George Washington Papers

To George Washington from Francis Mentges, 21 April 1789

From Francis Mentges

Philadelphia the 21 April 1789


May I without blame or without cause of Offence entreat your Excellencys Attention in a moment of Leisure to the situation of One of your Old Officers, who has a strong Disposition to serve his Country, but who has hitherto from Various causes failed in his endeavours to Obtain a permanent Appointment,1 with the highest Esteem I have the Honor to be Your Excellencys Most Ob. humble Servt

F. Mentges


Francis Mentges (d. 1805), who was born in Deux-Ponts, France, immigrated to America before the Revolution and apparently was for some time a dancing master in Philadelphia.
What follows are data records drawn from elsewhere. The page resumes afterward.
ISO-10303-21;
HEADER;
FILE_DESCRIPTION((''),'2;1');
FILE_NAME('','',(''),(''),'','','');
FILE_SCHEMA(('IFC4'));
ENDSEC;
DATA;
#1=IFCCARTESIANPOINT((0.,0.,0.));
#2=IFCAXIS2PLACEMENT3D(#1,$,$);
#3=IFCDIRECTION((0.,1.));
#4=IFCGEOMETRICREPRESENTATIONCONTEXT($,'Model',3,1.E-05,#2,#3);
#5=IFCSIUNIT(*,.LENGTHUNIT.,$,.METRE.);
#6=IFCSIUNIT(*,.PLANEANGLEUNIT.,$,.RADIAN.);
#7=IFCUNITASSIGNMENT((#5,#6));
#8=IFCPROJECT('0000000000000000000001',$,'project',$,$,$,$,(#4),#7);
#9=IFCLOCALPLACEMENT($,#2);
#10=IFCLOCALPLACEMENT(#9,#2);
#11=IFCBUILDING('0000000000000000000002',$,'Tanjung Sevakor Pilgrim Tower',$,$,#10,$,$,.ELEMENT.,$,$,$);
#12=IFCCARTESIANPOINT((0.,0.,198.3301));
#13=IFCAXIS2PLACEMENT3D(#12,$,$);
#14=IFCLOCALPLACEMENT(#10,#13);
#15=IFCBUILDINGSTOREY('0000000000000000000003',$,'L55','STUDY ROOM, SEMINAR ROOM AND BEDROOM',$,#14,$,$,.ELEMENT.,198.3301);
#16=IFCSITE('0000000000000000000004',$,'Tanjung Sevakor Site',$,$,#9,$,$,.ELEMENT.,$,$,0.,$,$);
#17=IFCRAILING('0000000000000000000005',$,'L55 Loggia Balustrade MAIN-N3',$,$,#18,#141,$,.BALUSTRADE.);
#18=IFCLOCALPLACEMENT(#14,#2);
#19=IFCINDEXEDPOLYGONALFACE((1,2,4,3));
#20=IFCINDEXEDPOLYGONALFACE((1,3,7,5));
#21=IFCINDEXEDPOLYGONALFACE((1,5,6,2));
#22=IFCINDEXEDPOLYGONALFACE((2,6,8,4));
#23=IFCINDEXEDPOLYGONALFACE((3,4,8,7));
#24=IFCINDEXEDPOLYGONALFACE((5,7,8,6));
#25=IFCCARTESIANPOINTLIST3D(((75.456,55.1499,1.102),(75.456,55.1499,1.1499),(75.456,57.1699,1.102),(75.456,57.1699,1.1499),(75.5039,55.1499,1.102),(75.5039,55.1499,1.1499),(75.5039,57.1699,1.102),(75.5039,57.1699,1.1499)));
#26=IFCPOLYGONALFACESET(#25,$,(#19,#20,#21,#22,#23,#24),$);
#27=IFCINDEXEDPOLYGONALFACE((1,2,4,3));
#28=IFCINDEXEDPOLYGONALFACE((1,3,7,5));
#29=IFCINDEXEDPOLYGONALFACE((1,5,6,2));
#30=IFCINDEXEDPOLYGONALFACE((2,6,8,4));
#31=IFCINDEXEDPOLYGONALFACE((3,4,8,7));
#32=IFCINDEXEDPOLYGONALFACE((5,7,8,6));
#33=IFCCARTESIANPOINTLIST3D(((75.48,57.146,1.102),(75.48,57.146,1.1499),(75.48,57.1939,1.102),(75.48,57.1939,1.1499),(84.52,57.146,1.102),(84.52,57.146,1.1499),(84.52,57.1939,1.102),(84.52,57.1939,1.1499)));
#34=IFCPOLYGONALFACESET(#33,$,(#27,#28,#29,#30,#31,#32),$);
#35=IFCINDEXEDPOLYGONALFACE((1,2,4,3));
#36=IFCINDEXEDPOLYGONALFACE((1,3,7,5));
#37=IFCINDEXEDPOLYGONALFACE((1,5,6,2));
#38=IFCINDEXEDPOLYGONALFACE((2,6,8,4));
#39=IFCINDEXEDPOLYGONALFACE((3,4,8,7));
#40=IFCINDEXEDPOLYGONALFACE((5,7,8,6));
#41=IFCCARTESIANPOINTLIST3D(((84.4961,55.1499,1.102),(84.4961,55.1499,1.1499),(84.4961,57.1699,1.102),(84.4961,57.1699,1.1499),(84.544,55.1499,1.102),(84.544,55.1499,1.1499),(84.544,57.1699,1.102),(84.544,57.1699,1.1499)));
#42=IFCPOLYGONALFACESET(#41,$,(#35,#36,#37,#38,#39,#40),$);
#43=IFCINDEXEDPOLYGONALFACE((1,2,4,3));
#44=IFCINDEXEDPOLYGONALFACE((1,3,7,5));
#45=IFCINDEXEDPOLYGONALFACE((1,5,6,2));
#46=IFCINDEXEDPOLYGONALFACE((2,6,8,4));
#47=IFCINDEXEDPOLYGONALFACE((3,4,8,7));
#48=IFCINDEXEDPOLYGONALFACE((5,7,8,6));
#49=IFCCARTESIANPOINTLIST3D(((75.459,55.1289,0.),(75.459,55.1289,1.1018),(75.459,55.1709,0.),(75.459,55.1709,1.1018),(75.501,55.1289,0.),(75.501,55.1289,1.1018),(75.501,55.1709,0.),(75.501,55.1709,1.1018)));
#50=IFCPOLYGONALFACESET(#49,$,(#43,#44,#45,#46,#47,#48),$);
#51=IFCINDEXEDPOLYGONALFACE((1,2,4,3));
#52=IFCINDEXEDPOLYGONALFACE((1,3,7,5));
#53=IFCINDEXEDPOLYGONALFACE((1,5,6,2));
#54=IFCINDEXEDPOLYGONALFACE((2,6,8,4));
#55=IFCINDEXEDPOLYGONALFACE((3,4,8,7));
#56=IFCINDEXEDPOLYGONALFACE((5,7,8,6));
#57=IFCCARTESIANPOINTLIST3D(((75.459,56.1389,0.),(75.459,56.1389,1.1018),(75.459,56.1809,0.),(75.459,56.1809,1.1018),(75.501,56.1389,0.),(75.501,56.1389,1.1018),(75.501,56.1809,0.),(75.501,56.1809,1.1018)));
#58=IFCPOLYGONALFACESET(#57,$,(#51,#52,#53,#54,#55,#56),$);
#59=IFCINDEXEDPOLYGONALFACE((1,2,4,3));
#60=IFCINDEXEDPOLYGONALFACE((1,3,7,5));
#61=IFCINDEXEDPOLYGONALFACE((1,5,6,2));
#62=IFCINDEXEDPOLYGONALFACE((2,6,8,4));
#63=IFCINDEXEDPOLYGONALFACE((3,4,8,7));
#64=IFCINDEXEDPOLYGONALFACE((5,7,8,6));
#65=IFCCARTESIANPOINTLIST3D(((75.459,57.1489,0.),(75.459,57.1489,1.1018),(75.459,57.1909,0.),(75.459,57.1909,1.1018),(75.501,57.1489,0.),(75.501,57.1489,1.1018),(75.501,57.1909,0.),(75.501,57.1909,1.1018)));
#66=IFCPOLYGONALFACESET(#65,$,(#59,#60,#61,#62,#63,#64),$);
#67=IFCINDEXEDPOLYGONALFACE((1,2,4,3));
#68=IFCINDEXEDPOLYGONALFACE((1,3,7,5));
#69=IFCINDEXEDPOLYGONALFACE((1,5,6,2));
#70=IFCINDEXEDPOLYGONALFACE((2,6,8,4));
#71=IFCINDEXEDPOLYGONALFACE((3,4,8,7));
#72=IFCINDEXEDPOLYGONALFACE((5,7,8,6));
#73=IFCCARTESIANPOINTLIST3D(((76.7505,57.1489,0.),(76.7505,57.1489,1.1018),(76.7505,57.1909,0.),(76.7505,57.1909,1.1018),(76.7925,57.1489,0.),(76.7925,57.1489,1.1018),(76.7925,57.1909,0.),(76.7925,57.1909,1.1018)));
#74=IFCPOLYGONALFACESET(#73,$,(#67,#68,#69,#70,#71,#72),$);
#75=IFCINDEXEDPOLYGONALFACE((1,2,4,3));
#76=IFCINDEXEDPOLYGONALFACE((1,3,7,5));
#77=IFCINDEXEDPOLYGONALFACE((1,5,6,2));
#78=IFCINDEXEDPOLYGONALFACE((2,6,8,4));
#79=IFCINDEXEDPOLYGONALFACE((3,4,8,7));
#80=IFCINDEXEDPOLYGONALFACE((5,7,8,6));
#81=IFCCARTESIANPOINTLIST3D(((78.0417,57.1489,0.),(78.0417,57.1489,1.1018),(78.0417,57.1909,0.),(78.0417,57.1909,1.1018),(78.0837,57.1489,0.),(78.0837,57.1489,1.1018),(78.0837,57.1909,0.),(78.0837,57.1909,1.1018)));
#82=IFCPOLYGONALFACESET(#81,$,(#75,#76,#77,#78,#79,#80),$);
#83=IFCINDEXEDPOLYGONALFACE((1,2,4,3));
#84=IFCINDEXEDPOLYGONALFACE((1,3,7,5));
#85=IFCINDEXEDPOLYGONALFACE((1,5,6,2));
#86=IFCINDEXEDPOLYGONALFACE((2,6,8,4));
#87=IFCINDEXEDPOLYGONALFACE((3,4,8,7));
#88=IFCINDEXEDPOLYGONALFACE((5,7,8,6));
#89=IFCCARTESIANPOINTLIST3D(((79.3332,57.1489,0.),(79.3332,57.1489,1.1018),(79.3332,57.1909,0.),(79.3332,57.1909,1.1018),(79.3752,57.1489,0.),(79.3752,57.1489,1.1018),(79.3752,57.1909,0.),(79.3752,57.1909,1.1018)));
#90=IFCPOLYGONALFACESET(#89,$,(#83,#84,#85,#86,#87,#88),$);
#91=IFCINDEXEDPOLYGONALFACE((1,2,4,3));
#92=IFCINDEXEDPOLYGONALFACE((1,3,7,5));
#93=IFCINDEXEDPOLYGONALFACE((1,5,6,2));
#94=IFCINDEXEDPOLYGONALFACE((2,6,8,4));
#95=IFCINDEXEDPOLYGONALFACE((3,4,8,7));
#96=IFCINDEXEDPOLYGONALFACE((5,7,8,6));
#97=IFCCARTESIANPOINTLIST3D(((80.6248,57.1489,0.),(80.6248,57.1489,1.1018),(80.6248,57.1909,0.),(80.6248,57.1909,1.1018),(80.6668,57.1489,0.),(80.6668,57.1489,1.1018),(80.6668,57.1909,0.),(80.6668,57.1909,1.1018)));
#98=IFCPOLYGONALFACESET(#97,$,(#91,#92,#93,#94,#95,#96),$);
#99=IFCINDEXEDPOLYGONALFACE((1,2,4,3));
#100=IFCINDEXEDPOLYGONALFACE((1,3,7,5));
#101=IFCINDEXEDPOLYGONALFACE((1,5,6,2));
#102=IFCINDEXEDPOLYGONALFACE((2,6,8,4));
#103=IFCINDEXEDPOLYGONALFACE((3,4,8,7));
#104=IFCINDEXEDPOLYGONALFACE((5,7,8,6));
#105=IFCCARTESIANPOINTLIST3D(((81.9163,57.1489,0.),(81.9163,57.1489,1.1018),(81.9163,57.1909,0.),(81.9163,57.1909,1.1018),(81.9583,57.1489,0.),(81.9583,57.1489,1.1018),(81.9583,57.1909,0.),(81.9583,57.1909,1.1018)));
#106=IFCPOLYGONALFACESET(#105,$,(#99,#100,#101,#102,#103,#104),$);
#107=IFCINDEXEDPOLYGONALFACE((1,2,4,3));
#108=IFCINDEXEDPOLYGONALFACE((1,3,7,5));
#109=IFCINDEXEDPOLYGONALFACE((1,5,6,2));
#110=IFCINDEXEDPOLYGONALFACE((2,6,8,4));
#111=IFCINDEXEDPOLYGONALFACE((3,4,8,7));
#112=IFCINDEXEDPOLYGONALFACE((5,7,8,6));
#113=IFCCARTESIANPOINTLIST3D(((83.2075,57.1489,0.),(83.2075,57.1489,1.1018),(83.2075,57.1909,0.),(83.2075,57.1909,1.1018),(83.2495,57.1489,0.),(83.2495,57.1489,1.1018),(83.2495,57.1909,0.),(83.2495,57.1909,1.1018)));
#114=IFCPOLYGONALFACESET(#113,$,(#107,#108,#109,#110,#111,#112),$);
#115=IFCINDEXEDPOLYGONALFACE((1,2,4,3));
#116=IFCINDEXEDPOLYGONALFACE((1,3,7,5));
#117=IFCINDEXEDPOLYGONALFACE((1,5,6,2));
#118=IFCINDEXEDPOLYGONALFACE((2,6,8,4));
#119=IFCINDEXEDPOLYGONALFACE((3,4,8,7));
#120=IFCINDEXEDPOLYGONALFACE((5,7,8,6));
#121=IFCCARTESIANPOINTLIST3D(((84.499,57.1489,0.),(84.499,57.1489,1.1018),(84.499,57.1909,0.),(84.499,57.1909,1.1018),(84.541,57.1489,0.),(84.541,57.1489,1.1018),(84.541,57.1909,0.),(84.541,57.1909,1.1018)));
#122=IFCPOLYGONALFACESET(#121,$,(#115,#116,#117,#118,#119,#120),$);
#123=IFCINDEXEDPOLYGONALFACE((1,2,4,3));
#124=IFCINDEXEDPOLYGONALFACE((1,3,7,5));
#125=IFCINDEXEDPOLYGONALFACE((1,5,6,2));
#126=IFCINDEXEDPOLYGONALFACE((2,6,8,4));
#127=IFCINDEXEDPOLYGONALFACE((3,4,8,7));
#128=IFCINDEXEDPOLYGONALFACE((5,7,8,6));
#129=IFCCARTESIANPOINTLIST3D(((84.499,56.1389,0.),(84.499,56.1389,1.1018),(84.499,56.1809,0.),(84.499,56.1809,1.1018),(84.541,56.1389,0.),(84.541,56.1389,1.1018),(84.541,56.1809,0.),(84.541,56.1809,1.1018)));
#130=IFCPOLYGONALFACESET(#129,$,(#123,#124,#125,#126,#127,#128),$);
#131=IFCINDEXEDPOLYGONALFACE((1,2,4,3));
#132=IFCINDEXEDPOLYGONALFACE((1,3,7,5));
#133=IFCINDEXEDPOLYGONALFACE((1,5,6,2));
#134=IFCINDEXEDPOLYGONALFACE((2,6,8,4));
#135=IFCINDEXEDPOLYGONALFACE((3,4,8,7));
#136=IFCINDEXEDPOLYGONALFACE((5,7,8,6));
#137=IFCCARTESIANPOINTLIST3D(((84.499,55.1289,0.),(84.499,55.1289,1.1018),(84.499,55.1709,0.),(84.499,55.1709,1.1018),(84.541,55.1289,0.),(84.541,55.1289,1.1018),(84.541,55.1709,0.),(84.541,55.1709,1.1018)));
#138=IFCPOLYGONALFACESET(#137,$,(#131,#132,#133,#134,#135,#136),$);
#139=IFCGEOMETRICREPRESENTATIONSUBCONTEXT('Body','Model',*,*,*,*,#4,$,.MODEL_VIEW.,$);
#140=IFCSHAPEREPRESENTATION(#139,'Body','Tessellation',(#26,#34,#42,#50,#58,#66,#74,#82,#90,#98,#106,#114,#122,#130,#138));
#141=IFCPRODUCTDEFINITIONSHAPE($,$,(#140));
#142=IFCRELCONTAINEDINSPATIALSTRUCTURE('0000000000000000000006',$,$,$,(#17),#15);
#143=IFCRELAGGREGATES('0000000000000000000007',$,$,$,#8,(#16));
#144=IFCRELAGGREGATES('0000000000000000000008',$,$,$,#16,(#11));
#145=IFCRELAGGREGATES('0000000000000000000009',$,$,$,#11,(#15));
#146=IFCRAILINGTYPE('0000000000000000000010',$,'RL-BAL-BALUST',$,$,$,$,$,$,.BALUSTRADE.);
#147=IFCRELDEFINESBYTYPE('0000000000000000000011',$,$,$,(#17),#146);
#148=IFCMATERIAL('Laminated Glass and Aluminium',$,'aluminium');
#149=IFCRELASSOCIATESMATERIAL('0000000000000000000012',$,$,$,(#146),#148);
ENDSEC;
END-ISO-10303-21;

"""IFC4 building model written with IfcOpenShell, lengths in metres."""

from ifc_helpers import new_model, si_unit, direction, frame, origin, place, context, subcontext, project, spatial, rectangle, extrude, material, type_object, element, save


model = new_model("IFC4")

# Units and contexts
model_context = context("Model", 3, precision=1e-05, world=origin(), true_north=direction((0.0, 1.0)))
body_context = subcontext(model_context, "Body", "Model", "MODEL_VIEW")
ifc_project = project(units=[si_unit("LENGTHUNIT", "METRE"), si_unit("PLANEANGLEUNIT", "RADIAN")], contexts=[model_context])

# Site, building, storey
site_placement = place(None, origin())
site = spatial("IfcSite", under=ifc_project, at=site_placement, Name="Tanjung Sevakor Site", CompositionType="ELEMENT", RefElevation=0.0)
building_placement = place(site_placement, origin())
building = spatial("IfcBuilding", under=site, at=building_placement, Name="Tanjung Sevakor Pilgrim Tower", CompositionType="ELEMENT")
storey_placement = place(building_placement, frame((0.0, 0.0, 198.3301)))
storey = spatial("IfcBuildingStorey", under=building, at=storey_placement, Name="L55", Description="STUDY ROOM, SEMINAR ROOM AND BEDROOM", CompositionType="ELEMENT", Elevation=198.3301)

# Railing
ifc_material_1 = material(Name="Laminated Glass and Aluminium", Category="aluminium")
railing_type = type_object("IfcRailingType", Name="RL-BAL-BALUST", PredefinedType="BALUSTRADE", material=ifc_material_1)
railing_1_placement = place(storey_placement, frame((75.48, 55.1499, 0.0)))
element("IfcRailing", 1, at=railing_1_placement, inside=storey, type_object=railing_type, Name="L55 Loggia Balustrade MAIN-N3", PredefinedType="BALUSTRADE", context=body_context, shape_type="SweptSolid", body=[
    extrude(rectangle(XDim=0.0479, YDim=0.0479), frame((0.0, 0.0, 1.126), z_axis=(0.0, 1.0, 0.0), x_axis=(-1.0, 0.0, 0.0)), (0.0, 0.0, 1.0), 2.02),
Mentges served as adjutant of a Pennsylvania musket battalion in 1776 and as a major with the 11th Pennsylvania regiment from 1776 until July 1778 when he transferred to the 7th Pennsylvania. He was lieutenant colonel of the 5th Pennsylvania from October 1778 to the end of the war. In 1786 Mentges became inspector general of the Pennsylvania militia and served for several years as adjutant general of Pennsylvania. He was an active member of the Pennsylvania Society of the Cincinnati.

1On 1 July 1789 Mentges petitioned GW for either a recommendation or an appointment to any vacancy in the new War Department, in the military of the United States, or in the militia establishment of any particular state (DLC:GW).